Jones pointed to the significant performance potential of drag-radial tires. In the RJ-built Shadow 2.0 Camaro, Stevie “Fast” Jackson has set the radial-tire record twice, scoring a 3.73 at almost 200 mph at South Georgia Motorsports Park in February; then upping the ante in April at Darlington at 3.71.

“Ultimately, a radial tire is faster,” Murphy confirmed, “because it stays round from start to finish. It rolls smoother. A slick is basically a giant sponge. If you look at a slow-motion video of a slick-tired car leaving the starting line, first the rim starts to rotate, and then it starts to rotate the tire, and then the tire compresses. It’s flat on the bottom and all bunched up. And at that point that tire is not moving forward, it’s trying to pick the nose up. And unless you have enough power to pick the nose up and keep it up, it’s going to drop down and take the weight off of the tire. So your goal is to get the car up on the tire without stopping the tire from moving forward. A lot of tire shake comes from not having enough power to get up on the tire and stay up on it. In a sense, you’re actually fighting the size of the tire.” Or, looked at the other way ‘round, there’s no point in having more tire than your engine can dominate.

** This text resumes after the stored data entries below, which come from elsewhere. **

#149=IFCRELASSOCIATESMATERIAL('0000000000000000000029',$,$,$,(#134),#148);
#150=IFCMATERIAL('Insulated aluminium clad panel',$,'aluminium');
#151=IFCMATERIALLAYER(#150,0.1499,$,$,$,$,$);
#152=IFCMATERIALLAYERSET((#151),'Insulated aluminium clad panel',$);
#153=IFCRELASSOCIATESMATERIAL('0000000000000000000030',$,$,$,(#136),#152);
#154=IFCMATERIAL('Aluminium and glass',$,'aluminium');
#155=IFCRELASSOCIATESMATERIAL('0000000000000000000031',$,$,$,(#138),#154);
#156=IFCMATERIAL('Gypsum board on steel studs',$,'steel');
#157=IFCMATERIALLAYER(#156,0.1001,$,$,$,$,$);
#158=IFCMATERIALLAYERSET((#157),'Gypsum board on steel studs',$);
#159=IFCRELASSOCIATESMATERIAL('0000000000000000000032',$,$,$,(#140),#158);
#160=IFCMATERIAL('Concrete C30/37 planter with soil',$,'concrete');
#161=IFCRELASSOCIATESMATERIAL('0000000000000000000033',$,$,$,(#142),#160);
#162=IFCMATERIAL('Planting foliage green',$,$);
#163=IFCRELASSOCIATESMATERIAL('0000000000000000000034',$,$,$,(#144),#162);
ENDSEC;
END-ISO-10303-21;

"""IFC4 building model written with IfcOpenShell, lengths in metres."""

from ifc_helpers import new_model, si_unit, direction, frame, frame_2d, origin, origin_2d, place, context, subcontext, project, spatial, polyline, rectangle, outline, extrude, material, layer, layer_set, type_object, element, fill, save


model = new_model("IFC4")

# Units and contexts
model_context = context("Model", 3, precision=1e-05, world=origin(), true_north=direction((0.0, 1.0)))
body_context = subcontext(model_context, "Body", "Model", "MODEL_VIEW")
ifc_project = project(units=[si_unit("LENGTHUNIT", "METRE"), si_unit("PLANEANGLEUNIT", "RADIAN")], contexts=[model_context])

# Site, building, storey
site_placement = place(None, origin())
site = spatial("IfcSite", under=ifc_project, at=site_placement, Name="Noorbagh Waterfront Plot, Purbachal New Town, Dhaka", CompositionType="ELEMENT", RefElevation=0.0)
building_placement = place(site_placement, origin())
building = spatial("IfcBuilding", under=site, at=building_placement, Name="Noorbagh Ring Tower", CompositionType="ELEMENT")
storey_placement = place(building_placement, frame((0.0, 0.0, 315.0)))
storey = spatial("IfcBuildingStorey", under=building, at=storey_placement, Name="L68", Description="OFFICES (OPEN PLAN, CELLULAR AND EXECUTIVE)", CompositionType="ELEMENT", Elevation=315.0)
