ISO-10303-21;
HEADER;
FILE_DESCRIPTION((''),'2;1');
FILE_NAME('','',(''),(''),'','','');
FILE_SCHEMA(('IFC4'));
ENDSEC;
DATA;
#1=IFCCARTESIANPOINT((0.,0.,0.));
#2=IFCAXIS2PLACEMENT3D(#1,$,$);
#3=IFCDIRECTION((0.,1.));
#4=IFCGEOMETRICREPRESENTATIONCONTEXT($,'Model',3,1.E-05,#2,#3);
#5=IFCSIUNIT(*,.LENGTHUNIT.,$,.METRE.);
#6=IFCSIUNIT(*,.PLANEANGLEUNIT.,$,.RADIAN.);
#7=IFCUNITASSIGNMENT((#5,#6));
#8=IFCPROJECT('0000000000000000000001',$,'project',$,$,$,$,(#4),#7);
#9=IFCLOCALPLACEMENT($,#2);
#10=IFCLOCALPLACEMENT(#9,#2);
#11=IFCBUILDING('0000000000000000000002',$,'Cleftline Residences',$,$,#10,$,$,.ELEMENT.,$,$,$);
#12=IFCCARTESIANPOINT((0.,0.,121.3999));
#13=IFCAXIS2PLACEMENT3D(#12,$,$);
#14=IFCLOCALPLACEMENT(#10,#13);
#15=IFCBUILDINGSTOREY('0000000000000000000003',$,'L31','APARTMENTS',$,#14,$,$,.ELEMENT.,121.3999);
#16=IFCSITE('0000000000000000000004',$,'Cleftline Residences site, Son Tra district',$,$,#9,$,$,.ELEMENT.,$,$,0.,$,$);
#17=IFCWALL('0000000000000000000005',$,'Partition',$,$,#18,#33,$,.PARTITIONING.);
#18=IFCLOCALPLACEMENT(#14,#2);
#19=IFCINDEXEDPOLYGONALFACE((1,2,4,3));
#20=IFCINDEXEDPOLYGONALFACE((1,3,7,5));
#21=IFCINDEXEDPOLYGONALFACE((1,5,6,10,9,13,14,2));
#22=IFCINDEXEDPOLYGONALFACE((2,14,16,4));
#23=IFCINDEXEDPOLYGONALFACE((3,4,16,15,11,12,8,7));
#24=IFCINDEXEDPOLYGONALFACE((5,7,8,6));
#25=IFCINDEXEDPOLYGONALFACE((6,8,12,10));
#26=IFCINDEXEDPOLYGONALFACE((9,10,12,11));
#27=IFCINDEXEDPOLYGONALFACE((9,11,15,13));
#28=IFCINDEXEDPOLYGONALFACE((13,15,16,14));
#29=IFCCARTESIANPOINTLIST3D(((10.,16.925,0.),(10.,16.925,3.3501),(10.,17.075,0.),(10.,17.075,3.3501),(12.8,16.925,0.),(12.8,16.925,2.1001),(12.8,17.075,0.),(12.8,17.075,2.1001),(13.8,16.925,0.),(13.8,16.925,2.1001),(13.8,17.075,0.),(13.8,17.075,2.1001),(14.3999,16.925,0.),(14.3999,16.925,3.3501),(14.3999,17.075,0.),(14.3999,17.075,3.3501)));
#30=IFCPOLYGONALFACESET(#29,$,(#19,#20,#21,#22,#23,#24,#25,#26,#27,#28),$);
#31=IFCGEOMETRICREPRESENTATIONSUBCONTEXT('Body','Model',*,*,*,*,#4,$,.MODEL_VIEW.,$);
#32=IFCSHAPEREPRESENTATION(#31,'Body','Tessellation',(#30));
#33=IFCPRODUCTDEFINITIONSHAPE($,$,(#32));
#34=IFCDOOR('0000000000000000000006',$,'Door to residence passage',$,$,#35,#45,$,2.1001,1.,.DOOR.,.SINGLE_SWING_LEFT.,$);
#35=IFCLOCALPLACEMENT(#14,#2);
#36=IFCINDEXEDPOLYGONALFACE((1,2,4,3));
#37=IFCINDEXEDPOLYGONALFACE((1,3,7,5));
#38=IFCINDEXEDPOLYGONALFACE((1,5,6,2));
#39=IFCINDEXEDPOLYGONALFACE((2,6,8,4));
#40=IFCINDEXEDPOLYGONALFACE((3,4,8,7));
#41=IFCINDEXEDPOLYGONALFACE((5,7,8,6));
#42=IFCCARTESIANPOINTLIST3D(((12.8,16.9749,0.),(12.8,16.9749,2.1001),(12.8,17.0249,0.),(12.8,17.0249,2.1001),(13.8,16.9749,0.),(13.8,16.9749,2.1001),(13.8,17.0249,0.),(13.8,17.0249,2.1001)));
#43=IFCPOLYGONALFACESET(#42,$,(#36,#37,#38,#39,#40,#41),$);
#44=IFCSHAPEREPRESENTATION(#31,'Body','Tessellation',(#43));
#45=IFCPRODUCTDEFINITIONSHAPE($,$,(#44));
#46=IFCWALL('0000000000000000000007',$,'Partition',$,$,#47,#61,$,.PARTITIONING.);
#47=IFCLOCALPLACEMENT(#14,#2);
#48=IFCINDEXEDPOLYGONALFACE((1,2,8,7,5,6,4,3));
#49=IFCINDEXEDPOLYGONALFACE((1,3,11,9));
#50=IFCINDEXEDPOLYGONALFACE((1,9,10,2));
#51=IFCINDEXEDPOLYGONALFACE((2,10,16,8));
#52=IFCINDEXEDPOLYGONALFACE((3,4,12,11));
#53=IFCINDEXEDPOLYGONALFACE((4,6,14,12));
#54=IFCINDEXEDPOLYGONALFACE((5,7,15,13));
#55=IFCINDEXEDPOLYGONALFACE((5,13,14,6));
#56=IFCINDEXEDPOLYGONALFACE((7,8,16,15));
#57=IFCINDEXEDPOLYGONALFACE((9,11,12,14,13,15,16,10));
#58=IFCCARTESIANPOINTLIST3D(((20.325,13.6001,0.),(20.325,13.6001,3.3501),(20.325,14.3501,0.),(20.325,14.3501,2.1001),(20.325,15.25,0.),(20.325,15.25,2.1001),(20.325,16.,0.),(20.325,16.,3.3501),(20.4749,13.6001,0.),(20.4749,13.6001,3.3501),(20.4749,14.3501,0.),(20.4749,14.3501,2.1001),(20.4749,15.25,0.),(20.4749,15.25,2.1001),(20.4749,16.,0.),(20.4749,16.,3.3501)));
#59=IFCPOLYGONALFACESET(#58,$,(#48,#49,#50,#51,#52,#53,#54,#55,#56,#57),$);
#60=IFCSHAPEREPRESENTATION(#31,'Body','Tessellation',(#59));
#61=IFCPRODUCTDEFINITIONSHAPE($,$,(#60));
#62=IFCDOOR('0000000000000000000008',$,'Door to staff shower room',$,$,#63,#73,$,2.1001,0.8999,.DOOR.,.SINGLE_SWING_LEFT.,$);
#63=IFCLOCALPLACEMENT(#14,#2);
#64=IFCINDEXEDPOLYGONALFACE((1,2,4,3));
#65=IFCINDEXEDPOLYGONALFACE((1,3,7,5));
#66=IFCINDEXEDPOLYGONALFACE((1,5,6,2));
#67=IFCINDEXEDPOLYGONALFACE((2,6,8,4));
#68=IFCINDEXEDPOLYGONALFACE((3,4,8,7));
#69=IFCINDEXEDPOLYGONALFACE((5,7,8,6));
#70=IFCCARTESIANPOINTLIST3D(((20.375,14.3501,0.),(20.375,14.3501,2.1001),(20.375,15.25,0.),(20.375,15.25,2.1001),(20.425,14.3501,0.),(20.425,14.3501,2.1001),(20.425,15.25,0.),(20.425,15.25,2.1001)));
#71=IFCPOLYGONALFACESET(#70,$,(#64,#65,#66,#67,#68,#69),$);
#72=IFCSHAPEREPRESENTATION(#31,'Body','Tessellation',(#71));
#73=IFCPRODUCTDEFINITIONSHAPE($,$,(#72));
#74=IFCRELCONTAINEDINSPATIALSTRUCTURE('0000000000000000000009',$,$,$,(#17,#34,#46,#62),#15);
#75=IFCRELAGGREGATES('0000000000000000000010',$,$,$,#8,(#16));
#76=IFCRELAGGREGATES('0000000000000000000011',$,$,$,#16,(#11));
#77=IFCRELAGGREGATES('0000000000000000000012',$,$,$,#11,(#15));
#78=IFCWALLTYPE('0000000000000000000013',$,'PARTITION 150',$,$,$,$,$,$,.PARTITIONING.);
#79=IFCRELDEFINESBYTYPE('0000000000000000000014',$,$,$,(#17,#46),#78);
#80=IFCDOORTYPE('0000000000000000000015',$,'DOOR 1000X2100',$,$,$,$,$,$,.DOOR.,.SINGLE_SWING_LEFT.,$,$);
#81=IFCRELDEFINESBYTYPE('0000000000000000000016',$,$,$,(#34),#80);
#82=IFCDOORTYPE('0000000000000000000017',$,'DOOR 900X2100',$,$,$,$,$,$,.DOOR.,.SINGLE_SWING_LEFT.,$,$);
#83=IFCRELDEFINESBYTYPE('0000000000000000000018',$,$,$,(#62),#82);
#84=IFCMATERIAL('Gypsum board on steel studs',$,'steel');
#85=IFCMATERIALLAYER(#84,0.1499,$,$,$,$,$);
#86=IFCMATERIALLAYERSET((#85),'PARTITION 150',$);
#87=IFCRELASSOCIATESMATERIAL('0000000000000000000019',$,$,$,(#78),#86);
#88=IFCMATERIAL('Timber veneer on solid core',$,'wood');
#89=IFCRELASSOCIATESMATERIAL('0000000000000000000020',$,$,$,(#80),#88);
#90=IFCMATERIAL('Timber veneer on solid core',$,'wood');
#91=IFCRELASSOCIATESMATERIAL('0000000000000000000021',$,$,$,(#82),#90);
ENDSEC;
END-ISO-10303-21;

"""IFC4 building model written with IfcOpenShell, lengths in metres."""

from ifc_helpers import new_model, si_unit, direction, frame, frame_2d, origin, place, context, subcontext, project, spatial, rectangle, extrude, material, layer, layer_set, type_object, element, fill, save


model = new_model("IFC4")

# Units and contexts
model_context = context("Model", 3, precision=1e-05, world=origin(), true_north=direction((0.0, 1.0)))
body_context = subcontext(model_context, "Body", "Model", "MODEL_VIEW")
ifc_project = project(units=[si_unit("LENGTHUNIT", "METRE"), si_unit("PLANEANGLEUNIT", "RADIAN")], contexts=[model_context])

# Site, building, storey
site_placement = place(None, origin())
site = spatial("IfcSite", under=ifc_project, at=site_placement, Name="Cleftline Residences site, Son Tra district", CompositionType="ELEMENT", RefElevation=0.0)
building_placement = place(site_placement, origin())
building = spatial("IfcBuilding", under=site, at=building_placement, Name="Cleftline Residences", CompositionType="ELEMENT")
storey_placement = place(building_placement, frame((0.0, 0.0, 121.3999)))
storey = spatial("IfcBuildingStorey", under=building, at=storey_placement, Name="L31", Description="APARTMENTS", CompositionType="ELEMENT", Elevation=121.3999)

# Shared definitions
ifc_material_1 = material(Name="Gypsum board on steel studs", Category="steel")
ifc_layer_1 = layer(ifc_material_1, 0.1499)
ifc_layer_set_1 = layer_set([ifc_layer_1], Name="PARTITION 150")
wall_type_1 = type_object("IfcWallType", Name="PARTITION 150", PredefinedType="PARTITIONING", material=ifc_layer_set_1)

# Walls, openings, doors
wall_1_placement = place(storey_placement, frame((10.0, 17.0, 0.0), z_axis=(0.0, 0.0, 1.0), x_axis=(1.0, 0.0, 0.0)))
wall_1 = element("IfcWall", 1, at=wall_1_placement, inside=storey, type_object=wall_type_1, Name="Partition", PredefinedType="PARTITIONING", context=body_context, shape_type="SweptSolid", body=[
    extrude(rectangle(XDim=4.3999, YDim=0.1499, at=frame_2d((2.2, 0.0))), origin(), (0.0, 0.0, 1.0), 3.3501),
])
opening_1_placement = place(wall_1_placement, frame((2.8, 0.0, 0.0)))
opening_1 = element("IfcOpeningElement", 2, at=opening_1_placement, cuts=wall_1, PredefinedType="OPENING", context=body_context, shape_type="SweptSolid", body=[
    extrude(rectangle(XDim=1.0, YDim=2.1001, at=frame_2d((0.5, 1.05))), frame((0.0, 0.085, 0.0), z_axis=(0.0, -1.0, 0.0), x_axis=(1.0, 0.0, 0.0)), (0.0, 0.0, 1.0), 0.1699),
])
ifc_material_2 = material(Name="Timber veneer on solid core", Category="wood")
door_type_1 = type_object("IfcDoorType", Name="DOOR 1000X2100", OperationType="SINGLE_SWING_LEFT", PredefinedType="DOOR", material=ifc_material_2)
door_1_placement = place(opening_1_placement, origin())
door_1 = element("IfcDoor", 3, at=door_1_placement, inside=storey, type_object=door_type_1, Name="Door to residence passage", OperationType="SINGLE_SWING_LEFT", OverallHeight=2.1001, OverallWidth=1.0, PredefinedType="DOOR", context=body_context, shape_type="SweptSolid", body=[
    extrude(rectangle(XDim=1.0, YDim=2.1001, at=frame_2d((0.5, 1.05))), frame((0.0, 0.0249, 0.0), z_axis=(0.0, -1.0, 0.0), x_axis=(1.0, 0.0, 0.0)), (0.0, 0.0, 1.0), 0.05),
])
fill(opening_1, door_1)
wall_2_placement = place(storey_placement, frame((20.3999, 13.6001, 0.0), z_axis=(0.0, 0.0, 1.0), x_axis=(0.0, 1.0, 0.0)))
wall_2 = element("IfcWall", 4, at=wall_2_placement, inside=storey, type_object=wall_type_1, Name="Partition", PredefinedType="PARTITIONING", context=body_context, shape_type="SweptSolid", body=[
    extrude(rectangle(XDim=2.3999, YDim=0.1499, at=frame_2d((1.2, 0.0))), origin(), (0.0, 0.0, 1.0), 3.3501),
])
opening_2_placement = place(wall_2_placement, frame((0.75, 0.0, 0.0)))
opening_2 = element("IfcOpeningElement", 5, at=opening_2_placement, cuts=wall_2, PredefinedType="OPENING", context=body_context, shape_type="SweptSolid", body=[
    extrude(rectangle(XDim=0.8999, YDim=2.1001, at=frame_2d((0.45, 1.05))), frame((0.0, 0.085, 0.0), z_axis=(0.0, -1.0, 0.0), x_axis=(1.0, 0.0, 0.0)), (0.0, 0.0, 1.0), 0.1699),
])
ifc_material_3 = material(Name="Timber veneer on solid core", Category="wood")
door_type_2 = type_object("IfcDoorType", Name="DOOR 900X2100", OperationType="SINGLE_SWING_LEFT", PredefinedType="DOOR", material=ifc_material_3)
door_2_placement = place(opening_2_placement, origin())
door_2 = element("IfcDoor", 6, at=door_2_placement, inside=storey, type_object=door_type_2, Name="Door to staff shower room", OperationType="SINGLE_SWING_LEFT", OverallHeight=2.1001, OverallWidth=0.8999, PredefinedType="DOOR", context=body_context, shape_type="SweptSolid", body=[
    extrude(rectangle(XDim=0.8999, YDim=2.1001, at=frame_2d((0.45, 1.05))), frame((0.0, 0.0249, 0.0), z_axis=(0.0, -1.0, 0.0), x_axis=(1.0, 0.0, 0.0)), (0.0, 0.0, 1.0), 0.05),
])
fill(opening_2, door_2)

save(model, "model.ifc")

“And I’ve been saying for 20 years that a lot of cars are over-tired.” On the other hand, to hook up a radial, “you have to make the car separate a lot more,” Murphy continued, “so the weight of the car physically pushes the tire into the ground.” It is possible to run both radials and slicks on the same car, but switching from one to the other requires significant changes in weight bias and suspension setup.

“The four-link is different, the shock package is different. It’s a totally different application of power.”
“And about a two-day renovation,” added Keith Engling, whose Skinny Kid Race Cars has built Pro Mod-style cars for about 20 years in Commerce, Michigan.

In the near future, in fact, Murphy expects to see “the biggest strides in tire technology.” And that, of course, will affect shock packages, suspension setups, and maybe even the cage itself. “We’re already working on some things at the back of the car.” But that’s all he’d say about that.

One thing not likely to change is the variety of body styles. Engling fondly recalled the late ‘90s and 2000s, when “a body had to be ten years removed from Pro Stock-legal before you could run it in Pro Mod. So Pro Mod was all the old classic cars, the Willys and Studebakers and ’63 ‘Vettes—such a variety of cars! It made a really cool show. Now everything is a Corvette or a Camaro. You have a bunch of eggs running down the track, and they all look exactly the same. That’s why I have $50,000 invested in a carbon-fiber ’72 Cutlass. I couldn’t have a Camaro or Corvette.”

“That’s one of the things that makes them more exciting than Pro Stock,” Bickel agreed. “The most aerodynamic car we have is Ricky Smith’s ZL-1 Camaro. But you see a lot of older cars running pretty fast, too. In drag racing, aerodynamics is not as important as in Cup car. A Cup car runs 170-200 mph all day long. A drag car is accelerating the whole time, and is only running at top speed very close to the finish. So aero is still important, but not as important.”

Perhaps even more importantly, said Murphy, “The fans like the different body styles, and the different power adders. I’m not knocking Top Fuel and Funny Car, but Top Fuel cars all look the same; and in Funny Car you couldn’t tell a Camaro from a Mustang except for the badging on the front. And that’ s true in Pro Stock, too. So from the fan’s standpoint, it’s Pro Mod that’s really cool.”

Nor will we see (as we’ve heard suggested) Pro Mod cars with solid suspension—four sprung wheels, and the attendant suspension tuning, are too closely linked with the identity of the class.

“With a solid-suspended car,” Jones allowed, “every ounce of downforce is going into the tire. But I’d rather have a four-link and shocks that I can tune and adjust. And down-track, at really high speed, a sprung chassis can handle the bumps a lot better.”

“One thing is guaranteed,” Jones concluded. “Engines will change, chassis will change, but our mindset for racing will not. Racers always want to go faster, and so we will continue to evolve and push the envelope to stay ahead of the competition. Ten years ago, even five years ago, we would never have believed that we would be as fast as we are now.”